I’m originally from Baltimore. I had some friends who I went to law school with in D.C. [George Mason University]. They said, “Why don’t you come out here and take the bar?” and so forth. I said I’d think about it, and I decided this was the place that had no advertising. It gave me an opportunity to be sort of a pioneer in that way, so I decided to come out here and open my practice and start advertising.

I had a one-room office in the former Peoples Bank building, and I can remember that the first thing I did was go to the WTLC radio station and buy some air time. And the very first commercial that I ran, someone called me and came in to see me and hired me to represent them. I believe that the case involved an automobile collision. That was in 1982.

I think I did the voice for the commercial myself. Specifically what it said, I don’t remember that. [Advertising] was always something that I wanted to do. I felt like it was essential to reach out to people to let people know that lawyers were approachable. And it really worked. They reached back.

The first thing the Supreme Court had authorized in terms of advertising was radio advertising. So I did that, and shortly following the radio advertising, TV advertising became permissible, and so I did that. I was actually the first lawyer ever to do radio and TV in Indiana.

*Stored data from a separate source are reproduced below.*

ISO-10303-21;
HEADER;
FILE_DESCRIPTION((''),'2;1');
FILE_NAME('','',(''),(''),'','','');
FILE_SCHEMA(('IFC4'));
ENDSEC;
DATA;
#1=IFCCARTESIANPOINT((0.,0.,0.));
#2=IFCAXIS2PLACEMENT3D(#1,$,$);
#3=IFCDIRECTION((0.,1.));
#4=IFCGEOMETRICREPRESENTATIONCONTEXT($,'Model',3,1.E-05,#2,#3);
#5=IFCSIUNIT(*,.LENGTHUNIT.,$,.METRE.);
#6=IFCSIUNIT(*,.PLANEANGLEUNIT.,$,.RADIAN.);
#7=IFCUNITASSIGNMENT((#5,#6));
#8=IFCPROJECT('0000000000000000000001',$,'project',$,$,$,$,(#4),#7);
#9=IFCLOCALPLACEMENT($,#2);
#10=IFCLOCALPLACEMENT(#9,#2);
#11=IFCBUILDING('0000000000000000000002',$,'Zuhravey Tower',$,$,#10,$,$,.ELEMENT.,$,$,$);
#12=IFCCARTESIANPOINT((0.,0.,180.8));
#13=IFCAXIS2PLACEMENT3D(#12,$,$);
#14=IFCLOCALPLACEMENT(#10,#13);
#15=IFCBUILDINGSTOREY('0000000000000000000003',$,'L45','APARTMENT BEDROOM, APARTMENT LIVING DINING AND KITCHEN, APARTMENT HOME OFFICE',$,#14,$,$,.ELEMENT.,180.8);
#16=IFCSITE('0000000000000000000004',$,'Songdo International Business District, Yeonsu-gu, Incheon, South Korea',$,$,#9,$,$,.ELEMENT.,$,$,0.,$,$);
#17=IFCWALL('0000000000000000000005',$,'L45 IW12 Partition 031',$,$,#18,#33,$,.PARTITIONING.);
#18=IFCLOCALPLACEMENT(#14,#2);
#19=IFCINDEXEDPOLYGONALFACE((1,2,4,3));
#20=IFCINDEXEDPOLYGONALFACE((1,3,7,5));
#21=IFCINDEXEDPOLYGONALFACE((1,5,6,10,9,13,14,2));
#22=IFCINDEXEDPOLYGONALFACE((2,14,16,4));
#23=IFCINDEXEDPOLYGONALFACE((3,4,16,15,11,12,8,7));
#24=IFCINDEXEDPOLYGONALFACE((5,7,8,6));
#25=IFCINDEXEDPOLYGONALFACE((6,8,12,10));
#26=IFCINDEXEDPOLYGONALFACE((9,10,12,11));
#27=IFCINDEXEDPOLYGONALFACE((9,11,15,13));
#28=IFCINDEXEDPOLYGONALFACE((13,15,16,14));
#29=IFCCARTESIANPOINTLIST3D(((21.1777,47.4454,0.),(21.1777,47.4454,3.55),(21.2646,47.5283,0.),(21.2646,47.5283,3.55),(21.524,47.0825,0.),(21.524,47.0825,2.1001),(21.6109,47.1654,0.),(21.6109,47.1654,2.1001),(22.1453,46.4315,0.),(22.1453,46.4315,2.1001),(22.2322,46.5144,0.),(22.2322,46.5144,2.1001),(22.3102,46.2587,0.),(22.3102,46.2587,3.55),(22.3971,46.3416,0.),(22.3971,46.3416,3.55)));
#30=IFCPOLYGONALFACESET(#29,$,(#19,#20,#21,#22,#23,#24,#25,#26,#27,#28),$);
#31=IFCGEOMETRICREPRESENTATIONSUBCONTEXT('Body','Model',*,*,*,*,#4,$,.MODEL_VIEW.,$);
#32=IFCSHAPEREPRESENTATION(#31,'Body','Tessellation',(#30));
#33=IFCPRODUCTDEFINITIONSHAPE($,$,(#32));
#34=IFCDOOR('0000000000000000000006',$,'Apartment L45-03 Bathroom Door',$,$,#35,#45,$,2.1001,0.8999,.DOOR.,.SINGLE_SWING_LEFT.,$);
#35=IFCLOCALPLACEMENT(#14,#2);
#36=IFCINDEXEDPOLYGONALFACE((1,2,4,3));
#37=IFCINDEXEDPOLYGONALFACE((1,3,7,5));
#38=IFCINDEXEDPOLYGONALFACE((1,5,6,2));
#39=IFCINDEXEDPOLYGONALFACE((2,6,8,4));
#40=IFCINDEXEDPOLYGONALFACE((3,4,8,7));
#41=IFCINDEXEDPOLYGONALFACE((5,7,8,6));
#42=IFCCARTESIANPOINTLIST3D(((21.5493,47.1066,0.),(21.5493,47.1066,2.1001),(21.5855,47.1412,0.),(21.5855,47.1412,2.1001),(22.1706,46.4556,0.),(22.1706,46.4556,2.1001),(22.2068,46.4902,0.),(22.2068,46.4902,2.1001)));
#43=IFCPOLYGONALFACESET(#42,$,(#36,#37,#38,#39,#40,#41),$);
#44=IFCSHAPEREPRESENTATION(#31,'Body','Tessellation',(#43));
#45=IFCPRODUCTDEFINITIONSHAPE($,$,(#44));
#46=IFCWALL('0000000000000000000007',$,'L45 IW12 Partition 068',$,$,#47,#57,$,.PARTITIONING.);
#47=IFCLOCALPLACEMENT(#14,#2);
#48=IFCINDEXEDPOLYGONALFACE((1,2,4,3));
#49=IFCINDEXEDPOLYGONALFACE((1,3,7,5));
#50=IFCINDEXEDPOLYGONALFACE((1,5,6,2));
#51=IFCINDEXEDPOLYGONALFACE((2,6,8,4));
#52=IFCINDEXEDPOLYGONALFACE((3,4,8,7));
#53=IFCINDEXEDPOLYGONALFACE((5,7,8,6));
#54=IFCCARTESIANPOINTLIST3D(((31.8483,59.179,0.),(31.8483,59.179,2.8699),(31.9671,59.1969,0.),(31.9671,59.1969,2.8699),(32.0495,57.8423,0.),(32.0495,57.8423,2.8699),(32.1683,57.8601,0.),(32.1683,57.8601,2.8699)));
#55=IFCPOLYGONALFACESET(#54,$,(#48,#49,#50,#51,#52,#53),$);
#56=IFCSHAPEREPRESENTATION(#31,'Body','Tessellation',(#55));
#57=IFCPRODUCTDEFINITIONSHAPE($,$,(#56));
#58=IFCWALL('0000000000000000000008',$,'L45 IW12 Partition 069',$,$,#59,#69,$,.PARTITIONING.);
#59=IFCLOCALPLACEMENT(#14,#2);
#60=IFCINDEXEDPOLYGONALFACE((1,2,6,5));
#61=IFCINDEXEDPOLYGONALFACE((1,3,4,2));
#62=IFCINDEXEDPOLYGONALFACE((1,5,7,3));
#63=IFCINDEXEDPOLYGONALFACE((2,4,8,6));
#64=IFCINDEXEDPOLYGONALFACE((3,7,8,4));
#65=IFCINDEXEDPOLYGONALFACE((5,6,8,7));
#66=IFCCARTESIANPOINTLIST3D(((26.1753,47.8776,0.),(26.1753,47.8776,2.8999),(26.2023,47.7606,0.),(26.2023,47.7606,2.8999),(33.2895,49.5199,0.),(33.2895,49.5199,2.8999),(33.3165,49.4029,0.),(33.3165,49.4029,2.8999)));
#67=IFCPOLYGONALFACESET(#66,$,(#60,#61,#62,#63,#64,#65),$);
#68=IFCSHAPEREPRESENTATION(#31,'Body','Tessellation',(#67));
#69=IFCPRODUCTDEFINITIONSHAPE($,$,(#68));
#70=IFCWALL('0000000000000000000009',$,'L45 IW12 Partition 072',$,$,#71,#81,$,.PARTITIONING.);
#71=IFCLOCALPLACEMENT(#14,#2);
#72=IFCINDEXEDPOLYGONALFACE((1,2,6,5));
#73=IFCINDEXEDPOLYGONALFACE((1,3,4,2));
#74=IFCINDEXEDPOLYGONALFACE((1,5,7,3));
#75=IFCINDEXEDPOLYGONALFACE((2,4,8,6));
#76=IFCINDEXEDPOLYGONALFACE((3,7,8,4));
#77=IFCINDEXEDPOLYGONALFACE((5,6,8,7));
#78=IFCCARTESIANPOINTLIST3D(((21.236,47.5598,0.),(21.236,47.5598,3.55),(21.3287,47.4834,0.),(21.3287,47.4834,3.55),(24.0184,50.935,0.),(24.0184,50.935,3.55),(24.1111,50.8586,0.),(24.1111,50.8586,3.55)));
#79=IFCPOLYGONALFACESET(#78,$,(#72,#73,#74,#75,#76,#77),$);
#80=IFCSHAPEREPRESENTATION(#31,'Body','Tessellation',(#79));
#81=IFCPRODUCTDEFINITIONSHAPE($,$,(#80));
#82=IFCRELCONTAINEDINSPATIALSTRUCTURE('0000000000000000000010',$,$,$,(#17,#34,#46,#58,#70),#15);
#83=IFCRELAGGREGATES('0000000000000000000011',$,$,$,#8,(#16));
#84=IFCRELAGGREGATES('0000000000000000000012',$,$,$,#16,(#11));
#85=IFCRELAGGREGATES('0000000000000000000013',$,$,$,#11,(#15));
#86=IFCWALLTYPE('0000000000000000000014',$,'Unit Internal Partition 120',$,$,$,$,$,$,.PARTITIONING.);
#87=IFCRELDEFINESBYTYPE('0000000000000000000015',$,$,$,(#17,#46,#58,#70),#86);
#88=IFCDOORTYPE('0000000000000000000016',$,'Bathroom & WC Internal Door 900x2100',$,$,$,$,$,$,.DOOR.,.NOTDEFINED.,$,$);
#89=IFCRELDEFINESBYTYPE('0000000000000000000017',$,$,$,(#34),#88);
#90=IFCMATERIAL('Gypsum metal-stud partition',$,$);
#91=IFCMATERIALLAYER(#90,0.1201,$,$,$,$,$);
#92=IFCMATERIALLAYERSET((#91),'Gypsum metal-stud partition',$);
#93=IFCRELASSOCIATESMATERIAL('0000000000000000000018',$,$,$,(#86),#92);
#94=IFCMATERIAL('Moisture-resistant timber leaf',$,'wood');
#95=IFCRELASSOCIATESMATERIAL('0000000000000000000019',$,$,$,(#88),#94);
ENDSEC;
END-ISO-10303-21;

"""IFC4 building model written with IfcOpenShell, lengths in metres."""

from ifc_helpers import new_model, si_unit, direction, frame, frame_2d, origin, place, context, subcontext, project, spatial, rectangle, extrude, material, layer, layer_set, type_object, element, fill, save


model = new_model("IFC4")

# Units and contexts
model_context = context("Model", 3, precision=1e-05, world=origin(), true_north=direction((0.0, 1.0)))
body_context = subcontext(model_context, "Body", "Model", "MODEL_VIEW")
ifc_project = project(units=[si_unit("LENGTHUNIT", "METRE"), si_unit("PLANEANGLEUNIT", "RADIAN")], contexts=[model_context])

# Site, building, storey
site_placement = place(None, origin())
site = spatial("IfcSite", under=ifc_project, at=site_placement, Name="Songdo International Business District, Yeonsu-gu, Incheon, South Korea", CompositionType="ELEMENT", RefElevation=0.0)
building_placement = place(site_placement, origin())
building = spatial("IfcBuilding", under=site, at=building_placement, Name="Zuhravey Tower", CompositionType="ELEMENT")
storey_placement = place(building_placement, frame((0.0, 0.0, 180.8)))
storey = spatial("IfcBuildingStorey", under=building, at=storey_placement, Name="L45", Description="APARTMENT BEDROOM, APARTMENT LIVING DINING AND KITCHEN, APARTMENT HOME OFFICE", CompositionType="ELEMENT", Elevation=180.8)

# Wall, opening, door
ifc_material_1 = material(Name="Gypsum metal-stud partition")
ifc_layer_1 = layer(ifc_material_1, 0.1201)
ifc_layer_set_1 = layer_set([ifc_layer_1], Name="Gypsum metal-stud partition")
wall_type_1 = type_object("IfcWallType", Name="Unit Internal Partition 120", PredefinedType="PARTITIONING", material=ifc_layer_set_1)
wall_1_placement = place(storey_placement, frame((22.3538, 46.3, 0.0), z_axis=(0.0, 0.0, 1.0), x_axis=(-0.690394, 0.723433, 0.0)))
wall_1 = element("IfcWall", 1, at=wall_1_placement, inside=storey, type_object=wall_type_1, Name="L45 IW12 Partition 031", PredefinedType="PARTITIONING", context=body_context, shape_type="SweptSolid", body=[
    extrude(rectangle(XDim=1.6404, YDim=0.1201, at=frame_2d((0.8203, 0.0))), origin(), (0.0, 0.0, 1.0), 3.55),
])
opening_1_placement = place(wall_1_placement, frame((0.239, 0.0, 0.0)))
opening_1 = element("IfcOpeningElement", 2, at=opening_1_placement, cuts=wall_1, PredefinedType="OPENING", context=body_context, shape_type="SweptSolid", body=[
    extrude(rectangle(XDim=0.8999, YDim=2.1001, at=frame_2d((0.45, 1.05))), frame((0.0, 0.072, 0.0), z_axis=(0.0, -1.0, 0.0), x_axis=(1.0, 0.0, 0.0)), (0.0, 0.0, 1.0), 0.144),
])
ifc_material_2 = material(Name="Moisture-resistant timber leaf", Category="wood")
door_type_1 = type_object("IfcDoorType", Name="Bathroom & WC Internal Door 900x2100", OperationType="NOTDEFINED", PredefinedType="DOOR", material=ifc_material_2)
door_1_placement = place(opening_1_placement, frame((0.8999, 0.0, 0.0), z_axis=(0.0, 0.0, 1.0), x_axis=(-1.0, 0.0, 0.0)))
door_1 = element("IfcDoor", 3, at=door_1_placement, inside=storey, type_object=door_type_1, Name="Apartment L45-03 Bathroom Door", OperationType="SINGLE_SWING_LEFT", OverallHeight=2.1001, OverallWidth=0.8999, PredefinedType="DOOR", context=body_context, shape_type="SweptSolid", body=[
    extrude(rectangle(XDim=0.8999, YDim=2.1001, at=frame_2d((0.45, 1.05))), frame((0.0, 0.0249, 0.0), z_axis=(0.0, -1.0, 0.0), x_axis=(1.0, 0.0, 0.0)), (0.0, 0.0, 1.0), 0.05),
])
fill(opening_1, door_1)

# Walls
wall_2_placement = place(storey_placement, frame((32.1089, 57.8513, 0.0), z_axis=(0.0, 0.0, 1.0), x_axis=(-0.148826, 0.988863, 0.0)))
element("IfcWall", 4, at=wall_2_placement, inside=storey, type_object=wall_type_1, Name="L45 IW12 Partition 068", PredefinedType="PARTITIONING", context=body_context, shape_type="SweptSolid", body=[
    extrude(rectangle(XDim=1.3518, YDim=0.1201, at=frame_2d((0.6758, 0.0))), origin(), (0.0, 0.0, 1.0), 2.8699),
])
wall_3_placement = place(storey_placement, frame((33.303, 49.4614, 0.0), z_axis=(0.0, 0.0, 1.0), x_axis=(-0.974374, -0.224935, 0.0)))
element("IfcWall", 5, at=wall_3_placement, inside=storey, type_object=wall_type_1, Name="L45 IW12 Partition 069", PredefinedType="PARTITIONING", context=body_context, shape_type="SweptSolid", body=[
    extrude(rectangle(XDim=7.3013, YDim=0.1201, at=frame_2d((3.6506, 0.0))), origin(), (0.0, 0.0, 1.0), 2.8999),
])
wall_4_placement = place(storey_placement, frame((24.0647, 50.8967, 0.0), z_axis=(0.0, 0.0, 1.0), x_axis=(-0.636096, -0.77161, 0.0)))
element("IfcWall", 6, at=wall_4_placement, inside=storey, type_object=wall_type_1, Name="L45 IW12 Partition 072", PredefinedType="PARTITIONING", context=body_context, shape_type="SweptSolid", body=[
    extrude(rectangle(XDim=4.3743, YDim=0.1201, at=frame_2d((2.187, 0.0))), origin(), (0.0, 0.0, 1.0), 3.55),
])

save(model, "model.ifc")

I went to Channel 4 to make the first lawyer commercial on television in Indiana.

We tried to refresh the thoughts every so often, but there were hundreds of different spots. There were so many taglines. There were so many that I don’t even remember them all.

It wasn’t terribly warmly received by everybody. Lots of lawyers did not like it, but the public embraced it.

I was a newbie here and no one really knew me. I went from door to door to door of so many lawyers and I knocked on their doors asking if they would hire me, and they said no. So I guess they thought that I was just a new kid from back East, and they weren’t interested in taking me on, so I tried it on my own. Without [advertising], I wouldn’t have really had any practice, so I was grateful for that.

I think personal injury lawyers do great work for people. I think that when someone unfortunately chooses to level that name [ambulance chaser], I don’t think that’s well-placed. I see the work that personal-injury lawyers do for people and they have done so much good for people who have been injured by other people’s negligence or by products that are defective and [the attorneys] have changed the course of people’s lives because of it.

I love what I do and I love the contact that I have with clients and with people. I’ve formed lots of great relationships and bonds with clients over the years.